The mother, Dorothy Turano, apparently referred to Kruger as her “partner,” but prosecutors suggested Kruger and Michael Turano had shared an intimate relationship — recordings from wiretaps showed that the two men “sometimes spoke to one another in baby talk,” according to one FBI agent. Bribery payments were funneled through Michael Turano’s bank account to Kruger, the gynecologist would later admit to the court. The money apparently went in part to help pay the mortgage on the Turano mansion, and to finance a black Bentley Arnage.
Kruger is receiving more than $58,000 a year in pension payments, and throughout the duration of his seven-year prison term, he’ll draw more than $400,000 in taxpayer-funded pension payments.
But former Westchester County senator Nicholas Spano, who pleaded guilty to filing fraudulent tax returns, makes even more — $5,849.24 per month, to be exact.
During his time in office, Spano helped craft the operating budget for New York — which is ironic, considering that he wasn’t contributing his fair share. In 2012, Spano confessed to underpaying his taxes by $53,000. He had committed fraud on his tax forms, deducting more than $180,000 in wrongfully claimed expenses. Sentenced to a year and a day in federal prison, Spano will collect more than $70,000 annually in pension money.
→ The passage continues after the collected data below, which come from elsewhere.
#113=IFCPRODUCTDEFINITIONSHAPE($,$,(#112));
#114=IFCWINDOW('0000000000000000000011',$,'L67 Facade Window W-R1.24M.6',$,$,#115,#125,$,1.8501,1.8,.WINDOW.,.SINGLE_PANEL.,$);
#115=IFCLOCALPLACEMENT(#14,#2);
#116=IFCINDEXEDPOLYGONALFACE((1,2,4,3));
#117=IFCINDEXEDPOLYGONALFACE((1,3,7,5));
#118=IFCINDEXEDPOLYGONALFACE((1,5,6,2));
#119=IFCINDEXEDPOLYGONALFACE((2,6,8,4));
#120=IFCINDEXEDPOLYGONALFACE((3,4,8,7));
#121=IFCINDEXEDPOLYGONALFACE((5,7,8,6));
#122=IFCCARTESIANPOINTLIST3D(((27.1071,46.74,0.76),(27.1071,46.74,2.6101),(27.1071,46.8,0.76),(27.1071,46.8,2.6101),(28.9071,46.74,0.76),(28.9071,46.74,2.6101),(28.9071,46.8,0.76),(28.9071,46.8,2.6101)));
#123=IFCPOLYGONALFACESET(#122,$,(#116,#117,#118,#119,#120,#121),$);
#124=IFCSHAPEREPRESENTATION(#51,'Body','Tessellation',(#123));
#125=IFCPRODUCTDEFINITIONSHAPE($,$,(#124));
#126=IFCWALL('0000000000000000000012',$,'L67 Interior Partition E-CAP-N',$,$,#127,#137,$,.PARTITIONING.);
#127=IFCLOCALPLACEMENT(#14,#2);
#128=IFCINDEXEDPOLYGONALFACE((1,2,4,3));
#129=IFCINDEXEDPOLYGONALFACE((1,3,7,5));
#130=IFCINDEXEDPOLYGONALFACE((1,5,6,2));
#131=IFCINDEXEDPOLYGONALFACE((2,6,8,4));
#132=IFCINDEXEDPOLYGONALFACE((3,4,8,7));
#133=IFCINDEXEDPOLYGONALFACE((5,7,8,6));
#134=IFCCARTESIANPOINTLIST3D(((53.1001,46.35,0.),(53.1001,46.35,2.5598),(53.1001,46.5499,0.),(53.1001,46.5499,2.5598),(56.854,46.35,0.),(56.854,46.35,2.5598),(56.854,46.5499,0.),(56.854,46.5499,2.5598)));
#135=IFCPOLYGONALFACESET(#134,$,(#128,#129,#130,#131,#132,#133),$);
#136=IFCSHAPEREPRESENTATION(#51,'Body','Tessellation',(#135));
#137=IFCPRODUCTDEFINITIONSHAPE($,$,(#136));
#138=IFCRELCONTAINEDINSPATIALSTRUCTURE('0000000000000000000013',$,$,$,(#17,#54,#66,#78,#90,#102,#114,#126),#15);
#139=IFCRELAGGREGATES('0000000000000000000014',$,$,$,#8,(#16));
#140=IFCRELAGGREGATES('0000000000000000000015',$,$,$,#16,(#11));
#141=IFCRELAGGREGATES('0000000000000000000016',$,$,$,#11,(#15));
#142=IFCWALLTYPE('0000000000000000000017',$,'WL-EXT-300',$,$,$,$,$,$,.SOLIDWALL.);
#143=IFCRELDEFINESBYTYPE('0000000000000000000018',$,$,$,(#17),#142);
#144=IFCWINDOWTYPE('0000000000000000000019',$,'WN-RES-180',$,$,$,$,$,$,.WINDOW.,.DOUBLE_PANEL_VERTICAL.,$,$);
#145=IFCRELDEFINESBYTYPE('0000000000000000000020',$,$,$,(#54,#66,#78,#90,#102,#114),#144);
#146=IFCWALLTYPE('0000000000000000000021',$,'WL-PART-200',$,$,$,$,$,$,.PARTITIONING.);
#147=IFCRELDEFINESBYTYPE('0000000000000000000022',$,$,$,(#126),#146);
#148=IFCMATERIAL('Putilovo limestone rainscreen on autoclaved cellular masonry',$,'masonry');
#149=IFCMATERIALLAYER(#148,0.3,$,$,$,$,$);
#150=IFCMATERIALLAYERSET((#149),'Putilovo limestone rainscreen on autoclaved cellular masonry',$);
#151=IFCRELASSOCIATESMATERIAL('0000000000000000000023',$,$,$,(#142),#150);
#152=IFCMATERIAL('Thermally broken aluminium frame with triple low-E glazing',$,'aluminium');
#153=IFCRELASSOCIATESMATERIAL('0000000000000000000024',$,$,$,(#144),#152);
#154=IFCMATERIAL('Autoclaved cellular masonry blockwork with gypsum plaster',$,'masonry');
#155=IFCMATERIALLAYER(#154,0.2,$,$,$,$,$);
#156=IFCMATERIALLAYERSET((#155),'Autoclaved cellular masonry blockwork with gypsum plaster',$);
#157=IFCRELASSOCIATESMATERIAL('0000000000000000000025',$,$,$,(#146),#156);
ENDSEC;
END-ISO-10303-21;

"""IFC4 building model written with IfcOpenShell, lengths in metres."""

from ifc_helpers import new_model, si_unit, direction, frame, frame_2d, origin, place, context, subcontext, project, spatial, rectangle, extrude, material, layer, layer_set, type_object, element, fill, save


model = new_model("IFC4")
And Anthony Seminerio, a Queens lawmaker for 30 years, was receiving $5,930.67 a month in pension payments when he died in prison in January 2011. In exchange for legislative favors, the lawmaker had received more than $1 million in payments from businesses operating in New York, federal prosecutors claimed. The indictment said specifically that one area hospital had paid Seminerio $310,000 through a consulting firm for favorable treatment. In 2009, Seminerio pled guilty to a single count of fraud, admitting he had “promoted the interests” of Jamaica Hospital Medical Center.
It’s not clear whether his family continues to draw survivor’s benefits.
It’s possible that many more public workers with corruption convictions are also drawing public pensions, but the lack of transparency makes it difficult to know. NYCERS, the New York City pension system, is the largest municipal-employee retirement system in the nation, managing pensions for more than 300,000 people. But the NYCERS receptionist told National Review Online that the system had no press contact on file; nor is anyone available to answer media questions about beneficiaries. While NRO has not been able to independently verify who does or does not receive a pension, since August 2009 alone, at least ten New York public employees and officials have been convicted in corruption cases, and several more are facing charges.
Clawing back these benefits isn’t easy, in part because of state law. The New York State constitution offers some of the strongest protections for pensions in the United States, explicitly stating that promised retirement payments cannot be decreased in any way once an employee becomes eligible to participate.
But District Attorney Bharara is seeking to use federal law to recover pension payments when a public official is convicted of corruption. As he outlined in his testimony, one way to do that would be to “appropriate fines that take into account the money a corrupt official might derive from a publicly funded pension.” Federal forfeiture law could also be employed.
This approach is both unprecedented and sensible, and it will probably soon be tested in the federal courts. Bharara has already identified two pending public-corruption cases where he will attempt to go after the accused’s pensions. If he succeeds, justice would truly be served. When public officials engage in corruption, they — not the taxpayers — should be forced to pay.
— Jillian Kay Melchior is a Thomas L. Rhodes Fellow for the Franklin Center for Government and Public Integrity.